Speaking as a prior soldier, I must agree here. Like I have said on this forum in the past, the general opinion of the US military at the time was Afghan was a just cause. Most soldiers believed in why we were there. Iraq on the other hand caused a little different reaction. Most soldiers, at the time, believed it was a "revenge" mission and didn't really agree with the action. I say "at the time" because now is different. At this point in time, many soldiers (including myself), have had close friends "fallen" on the sands of Iraq. This has changed many soldier's attitude on being there. Basically, some have changed to have their own "revenge" reasons. Some of you may say this is the wrong answer or that doesn't make it right.
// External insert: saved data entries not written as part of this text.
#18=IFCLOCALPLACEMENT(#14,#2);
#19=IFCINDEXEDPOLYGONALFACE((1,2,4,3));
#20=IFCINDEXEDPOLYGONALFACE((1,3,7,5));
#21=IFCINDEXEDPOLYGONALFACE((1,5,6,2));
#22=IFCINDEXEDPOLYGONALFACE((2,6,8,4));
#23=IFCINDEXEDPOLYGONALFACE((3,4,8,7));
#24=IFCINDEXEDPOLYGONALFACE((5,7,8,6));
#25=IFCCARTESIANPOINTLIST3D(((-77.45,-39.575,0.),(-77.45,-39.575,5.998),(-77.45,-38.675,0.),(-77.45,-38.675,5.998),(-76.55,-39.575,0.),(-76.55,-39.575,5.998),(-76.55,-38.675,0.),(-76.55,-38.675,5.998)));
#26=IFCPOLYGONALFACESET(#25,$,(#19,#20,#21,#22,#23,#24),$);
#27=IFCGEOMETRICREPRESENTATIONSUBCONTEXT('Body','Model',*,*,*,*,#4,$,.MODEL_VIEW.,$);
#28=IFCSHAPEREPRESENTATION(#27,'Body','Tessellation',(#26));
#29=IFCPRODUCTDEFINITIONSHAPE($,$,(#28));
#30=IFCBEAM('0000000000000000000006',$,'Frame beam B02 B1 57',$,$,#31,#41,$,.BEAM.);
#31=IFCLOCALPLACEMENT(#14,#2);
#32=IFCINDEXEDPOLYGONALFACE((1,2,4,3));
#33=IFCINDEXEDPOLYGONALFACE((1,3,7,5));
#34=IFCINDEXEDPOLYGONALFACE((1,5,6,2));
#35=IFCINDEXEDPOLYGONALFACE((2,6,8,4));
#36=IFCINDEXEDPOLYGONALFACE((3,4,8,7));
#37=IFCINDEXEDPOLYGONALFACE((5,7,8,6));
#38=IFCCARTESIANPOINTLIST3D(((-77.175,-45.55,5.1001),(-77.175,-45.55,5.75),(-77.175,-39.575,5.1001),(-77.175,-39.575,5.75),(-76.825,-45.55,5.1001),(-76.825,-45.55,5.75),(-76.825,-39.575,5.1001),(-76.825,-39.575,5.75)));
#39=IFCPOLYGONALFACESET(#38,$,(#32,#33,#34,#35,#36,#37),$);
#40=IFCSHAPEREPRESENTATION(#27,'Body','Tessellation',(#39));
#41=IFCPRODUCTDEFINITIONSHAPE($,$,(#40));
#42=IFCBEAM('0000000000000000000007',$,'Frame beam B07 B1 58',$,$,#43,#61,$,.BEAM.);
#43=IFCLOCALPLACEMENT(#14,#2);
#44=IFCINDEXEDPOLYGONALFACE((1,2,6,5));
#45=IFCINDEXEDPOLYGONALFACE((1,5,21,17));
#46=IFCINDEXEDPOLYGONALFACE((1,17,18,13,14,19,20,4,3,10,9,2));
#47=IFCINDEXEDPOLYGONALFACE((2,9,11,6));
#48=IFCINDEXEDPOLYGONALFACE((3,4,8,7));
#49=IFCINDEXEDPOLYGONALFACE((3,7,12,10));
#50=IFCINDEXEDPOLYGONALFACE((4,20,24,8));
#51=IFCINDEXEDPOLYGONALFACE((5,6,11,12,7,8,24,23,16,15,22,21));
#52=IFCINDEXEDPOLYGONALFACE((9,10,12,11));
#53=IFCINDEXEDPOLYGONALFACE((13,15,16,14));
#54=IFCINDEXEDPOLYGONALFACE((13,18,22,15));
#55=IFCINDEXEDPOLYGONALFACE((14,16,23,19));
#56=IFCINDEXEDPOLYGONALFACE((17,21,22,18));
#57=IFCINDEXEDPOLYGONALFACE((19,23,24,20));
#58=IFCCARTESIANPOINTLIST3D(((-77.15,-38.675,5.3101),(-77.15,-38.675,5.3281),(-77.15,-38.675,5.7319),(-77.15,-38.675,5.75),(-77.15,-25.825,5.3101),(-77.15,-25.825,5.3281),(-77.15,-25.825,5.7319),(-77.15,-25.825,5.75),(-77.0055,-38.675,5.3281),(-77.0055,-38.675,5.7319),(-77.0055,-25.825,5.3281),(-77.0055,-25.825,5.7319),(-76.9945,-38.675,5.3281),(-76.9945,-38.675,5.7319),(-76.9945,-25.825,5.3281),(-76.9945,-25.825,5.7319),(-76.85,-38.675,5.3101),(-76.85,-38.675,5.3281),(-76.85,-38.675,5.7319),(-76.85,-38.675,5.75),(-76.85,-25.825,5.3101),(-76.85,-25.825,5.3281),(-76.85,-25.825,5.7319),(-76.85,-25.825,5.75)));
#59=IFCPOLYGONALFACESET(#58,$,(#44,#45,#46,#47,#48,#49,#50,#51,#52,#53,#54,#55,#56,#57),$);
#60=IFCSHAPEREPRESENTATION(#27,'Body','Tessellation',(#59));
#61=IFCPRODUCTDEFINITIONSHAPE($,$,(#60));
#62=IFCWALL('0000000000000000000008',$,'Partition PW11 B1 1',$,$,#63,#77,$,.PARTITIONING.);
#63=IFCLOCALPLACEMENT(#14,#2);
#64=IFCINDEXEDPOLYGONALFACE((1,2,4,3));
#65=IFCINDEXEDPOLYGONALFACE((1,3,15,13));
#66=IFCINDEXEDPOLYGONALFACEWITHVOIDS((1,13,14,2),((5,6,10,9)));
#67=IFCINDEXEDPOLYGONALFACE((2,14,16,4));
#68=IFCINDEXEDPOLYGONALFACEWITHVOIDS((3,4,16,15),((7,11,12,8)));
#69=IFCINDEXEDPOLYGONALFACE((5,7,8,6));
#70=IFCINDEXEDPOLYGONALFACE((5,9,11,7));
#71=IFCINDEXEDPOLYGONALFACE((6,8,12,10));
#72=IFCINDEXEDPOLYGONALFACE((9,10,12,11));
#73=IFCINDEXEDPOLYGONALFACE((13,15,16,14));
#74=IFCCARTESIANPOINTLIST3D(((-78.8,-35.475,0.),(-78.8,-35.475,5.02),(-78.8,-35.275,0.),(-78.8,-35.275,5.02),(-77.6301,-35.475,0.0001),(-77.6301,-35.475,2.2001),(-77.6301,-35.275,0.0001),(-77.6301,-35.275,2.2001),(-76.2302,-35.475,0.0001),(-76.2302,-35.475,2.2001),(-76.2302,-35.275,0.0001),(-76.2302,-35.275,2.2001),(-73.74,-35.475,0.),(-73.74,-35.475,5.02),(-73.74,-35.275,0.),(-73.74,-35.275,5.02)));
You are probably correct, but please, please don't put yourself in the shoes of some one who has been there unless you have yourself. Trust me, you can't "know where they are coming from" or "understand what I'm saying".


----------



## Colin_Linz (Feb 4, 2005)

shane23ss said:
			
		

> Speaking as a prior soldier, I must agree here. Like I have said on this forum in the past, the general opinion of the US military at the time was Afghan was a just cause. Most soldiers believed in why we were there. Iraq on the other hand caused a little different reaction. Most soldiers, at the time, believed it was a "revenge" mission and didn't really agree with the action. I say "at the time" because now is different. At this point in time, many soldiers (including myself), have had close friends "fallen" on the sands of Iraq. This has changed many soldier's attitude on being there. Basically, some have changed to have their own "revenge" reasons. Some of you may say this is the wrong answer or that doesn't make it right. You are probably correct, but please, please don't put yourself in the shoes of some one who has been there unless you have yourself. Trust me, you can't "know where they are coming from" or "understand what I'm saying".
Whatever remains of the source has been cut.